I transitioned a few years ago from a career as a water-pollution control biologist. I want to do this blog to stay in touch with a world outside my everyday surroundings, whatever they may be. I like open-minded company and the discussion of ideas. Photo by Brad Moon.

Wednesday, June 18, 2008

River Messages

This morning the river had more things to say. It always does say things, of course. Today perhaps it just was easier to hear. There have been changes. This morning the water is brownish/ reddish and filled with swirling clouds of silt, and rising. Yesterday the water was greenish and clearing (clearing by our standards at least). I say by our standards because when I mention clear water in the Atchafalaya River, my friends from elsewhere always smile and make some remark about “Clear? Clear? That?”. They are used to water from mountain sources, or sandy sources, water that you can see down two feet, sometimes much more. Our water is not like that. It carries sediment from runoff and deposits it wherever the current decides to rest for a bit. At best you would have to say our clearest water is murky by California standards. And that is OK. It really is. By life support standards, our water is very much the mistress of waters. I don’t have the numbers that would show it, but I think we get more life per liter in the Mississippi drainage than places that have clearer, prettier, water. It just seems that mud goes with a primitive life force that packs a maximum amount of power into the waters that are colored by the sediments. That power produces life in huge abundance. If that is the measure of beauty in water, then our water is very pretty indeed.

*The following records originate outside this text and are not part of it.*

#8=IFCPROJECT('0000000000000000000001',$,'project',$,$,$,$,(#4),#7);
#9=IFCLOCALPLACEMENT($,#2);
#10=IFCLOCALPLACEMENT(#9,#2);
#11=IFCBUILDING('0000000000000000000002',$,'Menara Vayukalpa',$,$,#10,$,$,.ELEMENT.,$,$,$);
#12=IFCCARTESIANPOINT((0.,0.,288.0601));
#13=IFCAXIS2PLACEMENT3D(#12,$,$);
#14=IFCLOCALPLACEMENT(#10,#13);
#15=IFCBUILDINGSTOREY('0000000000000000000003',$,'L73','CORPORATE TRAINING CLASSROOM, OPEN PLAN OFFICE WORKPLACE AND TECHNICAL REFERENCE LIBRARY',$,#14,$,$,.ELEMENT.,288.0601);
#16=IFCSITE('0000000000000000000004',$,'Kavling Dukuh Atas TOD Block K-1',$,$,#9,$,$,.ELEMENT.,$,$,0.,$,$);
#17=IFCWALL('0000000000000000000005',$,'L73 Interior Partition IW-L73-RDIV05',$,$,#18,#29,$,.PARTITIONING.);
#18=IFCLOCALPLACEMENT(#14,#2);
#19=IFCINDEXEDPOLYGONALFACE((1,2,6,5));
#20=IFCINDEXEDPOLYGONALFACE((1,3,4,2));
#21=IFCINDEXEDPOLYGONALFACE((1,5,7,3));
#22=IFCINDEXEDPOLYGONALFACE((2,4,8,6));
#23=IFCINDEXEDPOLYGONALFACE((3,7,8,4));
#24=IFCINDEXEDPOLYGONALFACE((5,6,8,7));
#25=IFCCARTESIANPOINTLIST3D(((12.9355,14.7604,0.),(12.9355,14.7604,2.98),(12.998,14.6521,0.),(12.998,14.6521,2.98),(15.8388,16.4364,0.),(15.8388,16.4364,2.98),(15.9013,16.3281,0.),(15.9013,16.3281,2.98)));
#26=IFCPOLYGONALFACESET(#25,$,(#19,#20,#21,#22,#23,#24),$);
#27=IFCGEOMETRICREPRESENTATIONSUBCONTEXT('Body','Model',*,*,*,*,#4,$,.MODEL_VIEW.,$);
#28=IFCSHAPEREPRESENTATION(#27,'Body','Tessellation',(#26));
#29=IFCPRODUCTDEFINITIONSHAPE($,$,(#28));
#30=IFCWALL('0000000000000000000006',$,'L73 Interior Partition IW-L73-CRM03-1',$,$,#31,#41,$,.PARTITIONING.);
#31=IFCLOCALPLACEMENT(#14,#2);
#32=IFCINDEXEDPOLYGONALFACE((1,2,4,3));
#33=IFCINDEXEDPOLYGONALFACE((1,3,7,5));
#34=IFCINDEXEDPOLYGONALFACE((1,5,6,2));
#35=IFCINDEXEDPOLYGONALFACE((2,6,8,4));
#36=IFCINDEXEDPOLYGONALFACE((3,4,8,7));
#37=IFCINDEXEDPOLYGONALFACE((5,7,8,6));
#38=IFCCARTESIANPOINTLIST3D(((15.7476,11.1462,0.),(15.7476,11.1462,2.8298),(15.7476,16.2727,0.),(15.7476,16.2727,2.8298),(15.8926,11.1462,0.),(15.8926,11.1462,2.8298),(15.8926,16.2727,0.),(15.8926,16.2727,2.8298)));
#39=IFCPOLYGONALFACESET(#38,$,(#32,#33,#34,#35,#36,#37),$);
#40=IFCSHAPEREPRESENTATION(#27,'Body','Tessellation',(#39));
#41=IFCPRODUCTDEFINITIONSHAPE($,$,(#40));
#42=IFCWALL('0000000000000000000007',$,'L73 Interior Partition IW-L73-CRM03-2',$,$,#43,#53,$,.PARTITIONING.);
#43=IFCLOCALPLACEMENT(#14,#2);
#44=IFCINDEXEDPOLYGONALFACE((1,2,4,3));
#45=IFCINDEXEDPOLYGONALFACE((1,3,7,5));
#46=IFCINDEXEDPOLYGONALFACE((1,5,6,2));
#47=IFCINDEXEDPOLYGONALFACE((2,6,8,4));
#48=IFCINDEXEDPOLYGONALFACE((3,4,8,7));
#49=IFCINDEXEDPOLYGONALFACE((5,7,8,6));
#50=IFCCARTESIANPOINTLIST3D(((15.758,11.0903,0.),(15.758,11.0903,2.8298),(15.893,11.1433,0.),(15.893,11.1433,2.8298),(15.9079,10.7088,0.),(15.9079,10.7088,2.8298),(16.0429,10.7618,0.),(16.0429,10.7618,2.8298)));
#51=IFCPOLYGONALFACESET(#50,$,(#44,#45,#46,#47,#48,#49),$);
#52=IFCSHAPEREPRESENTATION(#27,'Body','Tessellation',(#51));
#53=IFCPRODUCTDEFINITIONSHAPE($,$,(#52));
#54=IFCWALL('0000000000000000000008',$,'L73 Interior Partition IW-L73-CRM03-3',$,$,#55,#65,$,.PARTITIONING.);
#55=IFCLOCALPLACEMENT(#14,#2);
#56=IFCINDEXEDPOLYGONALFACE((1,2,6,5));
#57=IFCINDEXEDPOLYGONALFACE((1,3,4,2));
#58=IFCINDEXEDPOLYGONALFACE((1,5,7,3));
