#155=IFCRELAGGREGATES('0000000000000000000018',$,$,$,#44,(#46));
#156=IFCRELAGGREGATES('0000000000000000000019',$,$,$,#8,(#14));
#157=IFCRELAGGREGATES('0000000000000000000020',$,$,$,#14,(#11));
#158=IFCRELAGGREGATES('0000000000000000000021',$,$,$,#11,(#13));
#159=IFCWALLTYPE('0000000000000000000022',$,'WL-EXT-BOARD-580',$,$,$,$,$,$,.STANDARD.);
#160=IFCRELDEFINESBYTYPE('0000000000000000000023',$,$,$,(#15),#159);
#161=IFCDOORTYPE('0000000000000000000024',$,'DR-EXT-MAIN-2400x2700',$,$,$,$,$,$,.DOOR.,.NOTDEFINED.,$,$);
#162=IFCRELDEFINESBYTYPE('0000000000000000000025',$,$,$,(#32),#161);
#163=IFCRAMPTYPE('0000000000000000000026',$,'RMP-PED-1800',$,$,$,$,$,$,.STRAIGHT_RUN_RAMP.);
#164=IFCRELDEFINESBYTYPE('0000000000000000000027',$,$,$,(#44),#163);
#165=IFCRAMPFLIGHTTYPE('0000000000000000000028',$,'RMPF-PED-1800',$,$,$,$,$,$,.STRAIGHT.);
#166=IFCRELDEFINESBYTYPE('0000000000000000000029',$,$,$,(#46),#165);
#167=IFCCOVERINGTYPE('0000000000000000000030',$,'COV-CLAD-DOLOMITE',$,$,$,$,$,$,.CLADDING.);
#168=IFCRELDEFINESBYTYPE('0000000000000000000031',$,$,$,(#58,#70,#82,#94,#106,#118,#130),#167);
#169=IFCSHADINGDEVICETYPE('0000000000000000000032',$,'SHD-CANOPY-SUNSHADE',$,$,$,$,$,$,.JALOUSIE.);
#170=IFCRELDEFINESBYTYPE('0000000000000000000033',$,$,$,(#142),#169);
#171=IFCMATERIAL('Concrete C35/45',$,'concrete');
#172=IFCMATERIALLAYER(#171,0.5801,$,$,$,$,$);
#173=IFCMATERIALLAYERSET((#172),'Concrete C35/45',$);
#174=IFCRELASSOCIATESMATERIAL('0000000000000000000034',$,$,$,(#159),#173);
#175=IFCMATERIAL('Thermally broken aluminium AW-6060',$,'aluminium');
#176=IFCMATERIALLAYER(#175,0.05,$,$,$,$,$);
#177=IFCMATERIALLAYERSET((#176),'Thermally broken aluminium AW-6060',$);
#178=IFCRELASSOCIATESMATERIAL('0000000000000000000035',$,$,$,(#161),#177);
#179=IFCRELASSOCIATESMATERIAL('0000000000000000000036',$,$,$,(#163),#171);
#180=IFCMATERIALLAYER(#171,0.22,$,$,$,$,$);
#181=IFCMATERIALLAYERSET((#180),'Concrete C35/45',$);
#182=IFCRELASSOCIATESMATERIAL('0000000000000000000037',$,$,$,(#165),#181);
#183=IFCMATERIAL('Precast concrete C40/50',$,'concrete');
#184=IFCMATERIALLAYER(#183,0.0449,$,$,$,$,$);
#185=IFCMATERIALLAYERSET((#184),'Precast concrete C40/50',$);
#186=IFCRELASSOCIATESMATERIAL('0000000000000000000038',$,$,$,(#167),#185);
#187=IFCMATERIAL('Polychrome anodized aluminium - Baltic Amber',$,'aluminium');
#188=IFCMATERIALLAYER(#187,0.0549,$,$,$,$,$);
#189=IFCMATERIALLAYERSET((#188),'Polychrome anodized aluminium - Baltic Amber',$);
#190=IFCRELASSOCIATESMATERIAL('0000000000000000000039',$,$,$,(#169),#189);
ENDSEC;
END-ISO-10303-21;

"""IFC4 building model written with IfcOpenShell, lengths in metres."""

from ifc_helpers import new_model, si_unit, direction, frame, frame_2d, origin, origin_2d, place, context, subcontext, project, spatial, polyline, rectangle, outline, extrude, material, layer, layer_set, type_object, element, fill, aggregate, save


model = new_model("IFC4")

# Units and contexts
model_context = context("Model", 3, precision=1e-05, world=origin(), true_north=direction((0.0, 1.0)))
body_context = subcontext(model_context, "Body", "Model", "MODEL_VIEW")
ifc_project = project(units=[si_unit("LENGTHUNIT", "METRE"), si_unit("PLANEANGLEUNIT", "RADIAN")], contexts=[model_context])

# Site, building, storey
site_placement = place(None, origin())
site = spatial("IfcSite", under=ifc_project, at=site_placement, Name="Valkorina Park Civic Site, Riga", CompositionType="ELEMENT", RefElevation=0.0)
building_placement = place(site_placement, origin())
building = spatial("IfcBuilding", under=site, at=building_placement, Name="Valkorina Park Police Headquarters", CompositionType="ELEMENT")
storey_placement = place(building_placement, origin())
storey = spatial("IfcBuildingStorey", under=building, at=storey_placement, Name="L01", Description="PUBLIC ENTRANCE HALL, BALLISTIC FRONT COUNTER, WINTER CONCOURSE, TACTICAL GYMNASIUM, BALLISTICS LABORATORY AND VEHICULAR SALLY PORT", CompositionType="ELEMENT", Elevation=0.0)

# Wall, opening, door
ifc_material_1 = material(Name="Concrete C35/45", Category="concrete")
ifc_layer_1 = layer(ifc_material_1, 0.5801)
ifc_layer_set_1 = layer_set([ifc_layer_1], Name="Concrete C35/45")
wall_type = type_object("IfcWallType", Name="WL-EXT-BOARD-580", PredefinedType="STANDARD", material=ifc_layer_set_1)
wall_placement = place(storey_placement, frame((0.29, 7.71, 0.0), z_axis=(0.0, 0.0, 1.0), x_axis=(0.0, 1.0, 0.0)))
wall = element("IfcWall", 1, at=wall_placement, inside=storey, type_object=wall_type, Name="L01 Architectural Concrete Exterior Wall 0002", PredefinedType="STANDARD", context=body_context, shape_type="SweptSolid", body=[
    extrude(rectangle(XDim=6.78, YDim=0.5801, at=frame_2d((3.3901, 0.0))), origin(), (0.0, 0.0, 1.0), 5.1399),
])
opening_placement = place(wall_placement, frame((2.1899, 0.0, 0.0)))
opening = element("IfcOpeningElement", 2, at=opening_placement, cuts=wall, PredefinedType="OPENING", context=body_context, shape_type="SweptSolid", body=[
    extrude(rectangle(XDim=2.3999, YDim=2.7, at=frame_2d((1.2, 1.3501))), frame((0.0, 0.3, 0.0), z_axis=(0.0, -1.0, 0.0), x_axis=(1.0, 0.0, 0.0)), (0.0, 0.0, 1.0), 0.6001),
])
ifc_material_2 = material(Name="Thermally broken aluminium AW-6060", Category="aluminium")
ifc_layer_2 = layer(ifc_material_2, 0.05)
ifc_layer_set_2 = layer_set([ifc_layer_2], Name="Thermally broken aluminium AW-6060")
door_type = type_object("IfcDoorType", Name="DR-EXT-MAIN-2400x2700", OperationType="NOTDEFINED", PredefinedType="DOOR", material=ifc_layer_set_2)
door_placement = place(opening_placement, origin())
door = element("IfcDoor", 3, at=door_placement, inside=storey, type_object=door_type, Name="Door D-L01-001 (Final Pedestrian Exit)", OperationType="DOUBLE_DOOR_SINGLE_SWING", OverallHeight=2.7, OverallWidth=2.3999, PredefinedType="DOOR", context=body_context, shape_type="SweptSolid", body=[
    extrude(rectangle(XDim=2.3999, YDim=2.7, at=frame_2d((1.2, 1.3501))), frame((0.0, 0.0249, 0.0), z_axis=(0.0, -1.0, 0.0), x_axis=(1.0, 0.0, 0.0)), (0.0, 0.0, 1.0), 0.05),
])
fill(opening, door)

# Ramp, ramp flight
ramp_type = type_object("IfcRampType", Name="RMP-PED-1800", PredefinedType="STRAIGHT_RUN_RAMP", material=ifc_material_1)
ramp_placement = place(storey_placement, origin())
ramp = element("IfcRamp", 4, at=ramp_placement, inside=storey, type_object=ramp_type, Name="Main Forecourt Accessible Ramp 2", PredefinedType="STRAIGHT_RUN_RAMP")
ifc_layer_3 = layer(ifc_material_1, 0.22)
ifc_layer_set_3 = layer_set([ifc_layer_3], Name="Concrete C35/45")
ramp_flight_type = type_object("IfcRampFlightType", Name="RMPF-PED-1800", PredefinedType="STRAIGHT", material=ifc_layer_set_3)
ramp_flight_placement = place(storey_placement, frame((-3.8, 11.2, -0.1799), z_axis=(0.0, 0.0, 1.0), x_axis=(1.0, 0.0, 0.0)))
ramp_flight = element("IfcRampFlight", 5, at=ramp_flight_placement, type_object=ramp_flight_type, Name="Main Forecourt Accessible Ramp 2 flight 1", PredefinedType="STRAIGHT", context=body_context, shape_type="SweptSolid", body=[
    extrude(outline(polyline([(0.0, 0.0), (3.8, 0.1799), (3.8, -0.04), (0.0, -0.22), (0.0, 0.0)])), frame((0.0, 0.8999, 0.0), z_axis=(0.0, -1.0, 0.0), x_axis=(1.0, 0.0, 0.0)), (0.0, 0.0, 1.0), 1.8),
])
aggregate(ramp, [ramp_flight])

As a reminder of this fertility, this morning the river shrimp appear from nowhere and flood the traps set out for them. All of a sudden they are there. They were there (somewhere in the river) all along of course, but for some reason the water gets muddy, especially red muddy, and wow, out come the shrimp moving in hordes. My friend Ray Bauer’s graduate students will set out traps today and they should have no trouble getting the shrimp they need to continue the river shrimp studies they are doing.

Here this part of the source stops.